How to add country name field based on mobile number using Mobile_Number using logstash

Hi,

I am having logs in txt file contains fields below. I want to extract country code from mobile number and create (translate) into new field called country.

I checked with translate filter but not getting how to extract country code digits from mobile number field to use it on translate filter.

20 is the country code for Egypt,971 is the country code for bahrain.I want to do it for all country code.

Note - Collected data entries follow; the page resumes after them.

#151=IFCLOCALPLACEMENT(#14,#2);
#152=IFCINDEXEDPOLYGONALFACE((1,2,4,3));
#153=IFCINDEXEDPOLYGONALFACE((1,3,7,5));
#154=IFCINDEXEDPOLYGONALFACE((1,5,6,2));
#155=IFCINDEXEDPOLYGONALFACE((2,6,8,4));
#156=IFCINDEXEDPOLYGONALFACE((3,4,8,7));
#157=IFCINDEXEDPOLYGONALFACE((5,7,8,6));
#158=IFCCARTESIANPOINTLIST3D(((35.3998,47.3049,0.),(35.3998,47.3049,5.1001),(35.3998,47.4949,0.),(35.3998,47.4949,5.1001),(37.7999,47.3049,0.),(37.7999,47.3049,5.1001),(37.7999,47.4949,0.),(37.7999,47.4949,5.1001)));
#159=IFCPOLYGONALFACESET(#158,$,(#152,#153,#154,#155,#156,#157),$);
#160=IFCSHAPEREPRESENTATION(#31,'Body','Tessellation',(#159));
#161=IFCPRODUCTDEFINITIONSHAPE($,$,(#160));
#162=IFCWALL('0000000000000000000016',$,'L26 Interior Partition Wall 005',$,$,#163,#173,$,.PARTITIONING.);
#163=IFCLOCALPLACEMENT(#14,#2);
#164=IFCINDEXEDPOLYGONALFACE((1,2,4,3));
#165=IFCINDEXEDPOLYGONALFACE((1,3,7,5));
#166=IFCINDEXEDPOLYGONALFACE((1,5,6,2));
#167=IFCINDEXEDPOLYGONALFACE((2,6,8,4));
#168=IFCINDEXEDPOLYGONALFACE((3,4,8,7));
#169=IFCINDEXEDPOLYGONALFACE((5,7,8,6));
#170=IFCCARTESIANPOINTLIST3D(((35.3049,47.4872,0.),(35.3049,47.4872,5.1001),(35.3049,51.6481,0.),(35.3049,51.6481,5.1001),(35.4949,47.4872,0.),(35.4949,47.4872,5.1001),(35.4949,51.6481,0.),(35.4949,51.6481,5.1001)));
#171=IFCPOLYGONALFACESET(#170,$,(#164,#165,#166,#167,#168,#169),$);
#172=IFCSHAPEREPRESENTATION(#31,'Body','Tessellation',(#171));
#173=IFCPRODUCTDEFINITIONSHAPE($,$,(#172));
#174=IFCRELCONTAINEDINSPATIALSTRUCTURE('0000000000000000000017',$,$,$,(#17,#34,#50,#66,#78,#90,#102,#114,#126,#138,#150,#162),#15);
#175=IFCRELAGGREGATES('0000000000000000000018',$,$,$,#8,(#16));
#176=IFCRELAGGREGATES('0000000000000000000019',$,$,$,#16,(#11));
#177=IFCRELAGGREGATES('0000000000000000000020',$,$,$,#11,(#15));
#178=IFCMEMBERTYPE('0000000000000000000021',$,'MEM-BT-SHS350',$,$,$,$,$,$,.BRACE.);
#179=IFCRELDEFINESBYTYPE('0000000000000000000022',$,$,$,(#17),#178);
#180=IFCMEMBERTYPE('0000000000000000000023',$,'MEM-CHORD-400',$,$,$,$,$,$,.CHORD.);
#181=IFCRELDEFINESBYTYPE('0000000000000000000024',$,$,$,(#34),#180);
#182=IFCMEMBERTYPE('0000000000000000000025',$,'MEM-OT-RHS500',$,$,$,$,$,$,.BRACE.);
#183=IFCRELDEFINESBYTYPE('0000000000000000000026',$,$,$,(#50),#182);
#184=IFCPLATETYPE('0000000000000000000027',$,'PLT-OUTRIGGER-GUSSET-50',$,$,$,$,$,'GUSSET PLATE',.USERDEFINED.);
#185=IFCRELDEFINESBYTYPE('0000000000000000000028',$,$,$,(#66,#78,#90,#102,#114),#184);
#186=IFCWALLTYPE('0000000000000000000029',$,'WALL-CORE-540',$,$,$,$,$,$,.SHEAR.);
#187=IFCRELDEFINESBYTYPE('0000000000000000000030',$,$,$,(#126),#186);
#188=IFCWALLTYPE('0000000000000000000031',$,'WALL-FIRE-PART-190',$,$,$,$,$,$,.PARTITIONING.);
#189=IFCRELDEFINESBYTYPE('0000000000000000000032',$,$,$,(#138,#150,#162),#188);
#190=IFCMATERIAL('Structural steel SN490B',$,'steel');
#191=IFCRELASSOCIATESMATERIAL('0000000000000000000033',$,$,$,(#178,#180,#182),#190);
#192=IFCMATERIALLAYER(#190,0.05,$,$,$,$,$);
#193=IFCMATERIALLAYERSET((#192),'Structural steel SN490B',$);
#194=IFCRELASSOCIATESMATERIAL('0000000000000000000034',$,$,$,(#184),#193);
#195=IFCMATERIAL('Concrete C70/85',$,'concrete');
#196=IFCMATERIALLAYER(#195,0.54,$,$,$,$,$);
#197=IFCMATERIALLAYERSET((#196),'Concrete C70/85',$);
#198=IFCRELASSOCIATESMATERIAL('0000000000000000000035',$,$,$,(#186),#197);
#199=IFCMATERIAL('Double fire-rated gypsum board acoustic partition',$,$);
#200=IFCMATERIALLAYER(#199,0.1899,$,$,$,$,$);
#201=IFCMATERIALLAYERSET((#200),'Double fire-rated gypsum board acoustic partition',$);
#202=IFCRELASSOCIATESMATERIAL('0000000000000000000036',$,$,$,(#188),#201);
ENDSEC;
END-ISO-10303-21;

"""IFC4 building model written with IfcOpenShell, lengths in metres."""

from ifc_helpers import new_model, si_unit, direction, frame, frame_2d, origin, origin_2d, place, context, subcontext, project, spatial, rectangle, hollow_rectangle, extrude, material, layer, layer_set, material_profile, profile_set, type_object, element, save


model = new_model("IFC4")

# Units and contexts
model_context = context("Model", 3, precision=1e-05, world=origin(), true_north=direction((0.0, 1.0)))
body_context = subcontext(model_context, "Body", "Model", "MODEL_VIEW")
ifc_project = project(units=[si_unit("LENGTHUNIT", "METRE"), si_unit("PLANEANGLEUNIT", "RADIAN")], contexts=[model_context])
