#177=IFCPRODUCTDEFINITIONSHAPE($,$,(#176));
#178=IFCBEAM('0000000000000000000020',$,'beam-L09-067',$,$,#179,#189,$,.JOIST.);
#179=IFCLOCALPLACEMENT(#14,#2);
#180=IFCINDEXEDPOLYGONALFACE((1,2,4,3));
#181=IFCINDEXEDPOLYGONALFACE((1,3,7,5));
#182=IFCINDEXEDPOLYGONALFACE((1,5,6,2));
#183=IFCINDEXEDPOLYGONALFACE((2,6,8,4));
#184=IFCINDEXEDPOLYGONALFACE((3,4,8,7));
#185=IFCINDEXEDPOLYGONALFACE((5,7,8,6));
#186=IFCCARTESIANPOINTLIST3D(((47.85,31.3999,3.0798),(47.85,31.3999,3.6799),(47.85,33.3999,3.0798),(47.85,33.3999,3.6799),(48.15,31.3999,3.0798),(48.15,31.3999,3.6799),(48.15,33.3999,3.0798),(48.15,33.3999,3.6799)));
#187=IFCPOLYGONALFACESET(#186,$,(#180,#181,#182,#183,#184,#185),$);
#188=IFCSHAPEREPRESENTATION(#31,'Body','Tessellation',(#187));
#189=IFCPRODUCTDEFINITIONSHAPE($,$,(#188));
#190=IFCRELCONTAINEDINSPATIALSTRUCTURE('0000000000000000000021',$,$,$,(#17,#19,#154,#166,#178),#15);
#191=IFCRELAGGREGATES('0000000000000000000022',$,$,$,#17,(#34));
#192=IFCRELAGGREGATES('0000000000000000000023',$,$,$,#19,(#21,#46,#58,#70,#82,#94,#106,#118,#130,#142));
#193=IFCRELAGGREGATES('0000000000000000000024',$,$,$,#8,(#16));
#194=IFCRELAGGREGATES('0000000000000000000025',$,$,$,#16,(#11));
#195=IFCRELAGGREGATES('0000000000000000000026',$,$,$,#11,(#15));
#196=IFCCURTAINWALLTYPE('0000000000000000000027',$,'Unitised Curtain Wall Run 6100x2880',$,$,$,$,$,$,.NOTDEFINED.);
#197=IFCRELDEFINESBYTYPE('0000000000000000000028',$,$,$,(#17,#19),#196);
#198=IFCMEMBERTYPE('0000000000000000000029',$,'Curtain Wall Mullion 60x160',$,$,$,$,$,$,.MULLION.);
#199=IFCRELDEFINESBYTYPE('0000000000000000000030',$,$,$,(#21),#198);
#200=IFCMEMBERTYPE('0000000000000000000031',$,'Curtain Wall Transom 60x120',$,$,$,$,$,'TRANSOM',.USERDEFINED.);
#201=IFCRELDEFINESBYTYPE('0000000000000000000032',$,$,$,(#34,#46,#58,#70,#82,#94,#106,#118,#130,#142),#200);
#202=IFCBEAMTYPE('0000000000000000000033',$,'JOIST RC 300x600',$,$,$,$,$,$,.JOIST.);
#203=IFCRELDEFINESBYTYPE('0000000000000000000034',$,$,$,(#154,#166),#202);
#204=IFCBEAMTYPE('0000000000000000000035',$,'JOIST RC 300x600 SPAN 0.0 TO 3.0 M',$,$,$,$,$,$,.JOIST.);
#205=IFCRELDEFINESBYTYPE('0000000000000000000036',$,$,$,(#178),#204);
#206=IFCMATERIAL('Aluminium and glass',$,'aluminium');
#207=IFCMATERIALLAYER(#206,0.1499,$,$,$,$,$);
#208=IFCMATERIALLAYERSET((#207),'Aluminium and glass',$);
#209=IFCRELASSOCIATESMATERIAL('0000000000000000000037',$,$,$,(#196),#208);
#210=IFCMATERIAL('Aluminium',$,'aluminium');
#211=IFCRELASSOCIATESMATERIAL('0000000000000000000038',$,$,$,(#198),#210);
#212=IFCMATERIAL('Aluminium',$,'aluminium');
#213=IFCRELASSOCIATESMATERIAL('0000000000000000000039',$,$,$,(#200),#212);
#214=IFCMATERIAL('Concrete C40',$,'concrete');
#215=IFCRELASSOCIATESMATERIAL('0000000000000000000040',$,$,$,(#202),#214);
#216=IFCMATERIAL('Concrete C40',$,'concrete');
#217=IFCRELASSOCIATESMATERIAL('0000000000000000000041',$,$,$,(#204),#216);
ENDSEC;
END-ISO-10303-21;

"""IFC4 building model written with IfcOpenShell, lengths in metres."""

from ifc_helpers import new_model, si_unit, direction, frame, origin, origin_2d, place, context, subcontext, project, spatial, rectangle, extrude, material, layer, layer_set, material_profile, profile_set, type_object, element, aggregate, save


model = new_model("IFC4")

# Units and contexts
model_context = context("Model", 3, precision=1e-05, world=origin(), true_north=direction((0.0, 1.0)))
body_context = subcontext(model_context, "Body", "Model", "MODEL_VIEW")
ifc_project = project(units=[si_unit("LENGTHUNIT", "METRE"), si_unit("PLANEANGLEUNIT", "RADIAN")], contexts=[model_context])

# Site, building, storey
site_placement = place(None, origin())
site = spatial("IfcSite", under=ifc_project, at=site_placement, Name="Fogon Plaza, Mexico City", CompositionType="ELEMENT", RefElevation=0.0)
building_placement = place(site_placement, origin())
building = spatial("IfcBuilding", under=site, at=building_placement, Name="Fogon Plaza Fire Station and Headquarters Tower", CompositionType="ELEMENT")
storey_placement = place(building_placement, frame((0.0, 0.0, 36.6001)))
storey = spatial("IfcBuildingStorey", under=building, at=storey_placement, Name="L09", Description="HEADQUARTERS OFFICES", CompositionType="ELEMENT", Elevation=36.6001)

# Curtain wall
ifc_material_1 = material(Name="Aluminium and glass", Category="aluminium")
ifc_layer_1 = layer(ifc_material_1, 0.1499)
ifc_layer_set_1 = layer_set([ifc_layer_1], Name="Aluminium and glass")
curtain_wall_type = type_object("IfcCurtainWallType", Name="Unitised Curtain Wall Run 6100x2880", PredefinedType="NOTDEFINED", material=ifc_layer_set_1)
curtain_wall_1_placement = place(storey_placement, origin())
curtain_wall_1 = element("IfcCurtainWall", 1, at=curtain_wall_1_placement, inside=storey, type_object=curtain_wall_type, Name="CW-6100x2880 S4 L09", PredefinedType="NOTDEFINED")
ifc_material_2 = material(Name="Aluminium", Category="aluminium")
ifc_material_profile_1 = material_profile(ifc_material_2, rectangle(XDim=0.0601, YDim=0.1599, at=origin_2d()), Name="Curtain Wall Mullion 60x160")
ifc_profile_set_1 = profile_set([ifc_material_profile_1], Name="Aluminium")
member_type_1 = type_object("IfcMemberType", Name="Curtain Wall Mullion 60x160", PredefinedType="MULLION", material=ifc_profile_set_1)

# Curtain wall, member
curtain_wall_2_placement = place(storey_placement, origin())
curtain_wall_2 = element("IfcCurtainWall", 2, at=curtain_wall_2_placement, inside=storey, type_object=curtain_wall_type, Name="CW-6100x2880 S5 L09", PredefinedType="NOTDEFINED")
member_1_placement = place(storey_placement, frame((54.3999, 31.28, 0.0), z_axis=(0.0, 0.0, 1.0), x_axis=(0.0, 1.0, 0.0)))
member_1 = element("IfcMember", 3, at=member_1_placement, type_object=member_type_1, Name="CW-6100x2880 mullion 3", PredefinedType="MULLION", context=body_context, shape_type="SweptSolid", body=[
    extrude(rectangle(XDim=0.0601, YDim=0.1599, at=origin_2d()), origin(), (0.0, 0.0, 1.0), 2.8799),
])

Pls, suggest to me if it's doable for at least one country code so that it can translate for others and as all country codes are unique.

log-

Mobile_Number: 201123123123User_id<....>
Mobile_Number: 971123123123User_id<....>

logstash filter-

filter{
 grok {
        break_on_match => false
        match => {
            "message" => [
               "Mobile_Number: (?<Mobile_Number>[0-9]+)",
               "User_id(?<User_id>[0-9]+)"
                ]
           }}}

Thank you in Advance.

See here. You would need to rewrite libphonenumber in Ruby, and then use a translate filter to map the country code to a country name.

Hi @Badger,

Thanks for your suggestion.

I took a different approach, using python script (phone number library) and enriching country code and country name fields to the index, as I am not well versed in ruby.

py script

def makeConnection():
    elastic = Elasticsearch([{'host': es_host, 'port': es_port}], http_auth=(
        es_uname, es_pwd), scheme="https", verify_certs=False)
    return elastic

elastic = makeConnection()
def enrich_data():
    get_data = elastic.search(index="type1", scroll='30m',body={
        "size":10000,
        "sort":{"event_timestamp":"asc"},
        "query": {
            "bool": {
                "must_not": [
                    {
                        "exists": {
                            "field": "Country_Name"
                        }
                    }
                ]
            }
        }
    }
    )
    scroll = elastic.scroll(scroll_id=get_data['_scroll_id'])
    get_data['hits']['hits'] += scroll['hits']['hits']
    if get_data['hits']['total']['value'] != 0:
        for data in get_data['hits']['hits']:
            Mobile_Number = data['_source']['Mobile_Number']
            print(Mobile_Number)
            phone_number= "+"+ Mobile_Number
            phone_number_query = phonenumbers.parse(phone_number, None)
            Country_name= geocoder.description_for_number(phone_number_query, "en")
            Country_code= phone_number_query.country_code
            try:
                data['_source']['Country_Name'] = Country_name
                data['_source']['Country_Code'] = Country_code
            except:
                pass
            body_json = data['_source']
            elastic.index(index="telebu-logs-smscountry", id=data['_id'],doc_type=data['_type'], body=body_json)
            elastic.indices.refresh(index=data['_index'])
    return

if __name__ == '__main__':
     enrich_data()

Pros-

  • Country code, country name field is getting added successfully in index with 98% accuracy.

Cons-

  • enrichment process is slow as compared to docs in an index, ex- 400 docs/min is enrichment rate, total docs are around 1m docs are getting added in index every hr in the same quantity.

As a single doc is getting checked and updated at a time the speed is slow, I am checking with bulk API update of docs using es helpers and scroll API but didn't work out in the above script.

Any suggestion regarding the above will be highly helpful.

This topic was automatically closed 28 days after the last reply. New replies are no longer allowed.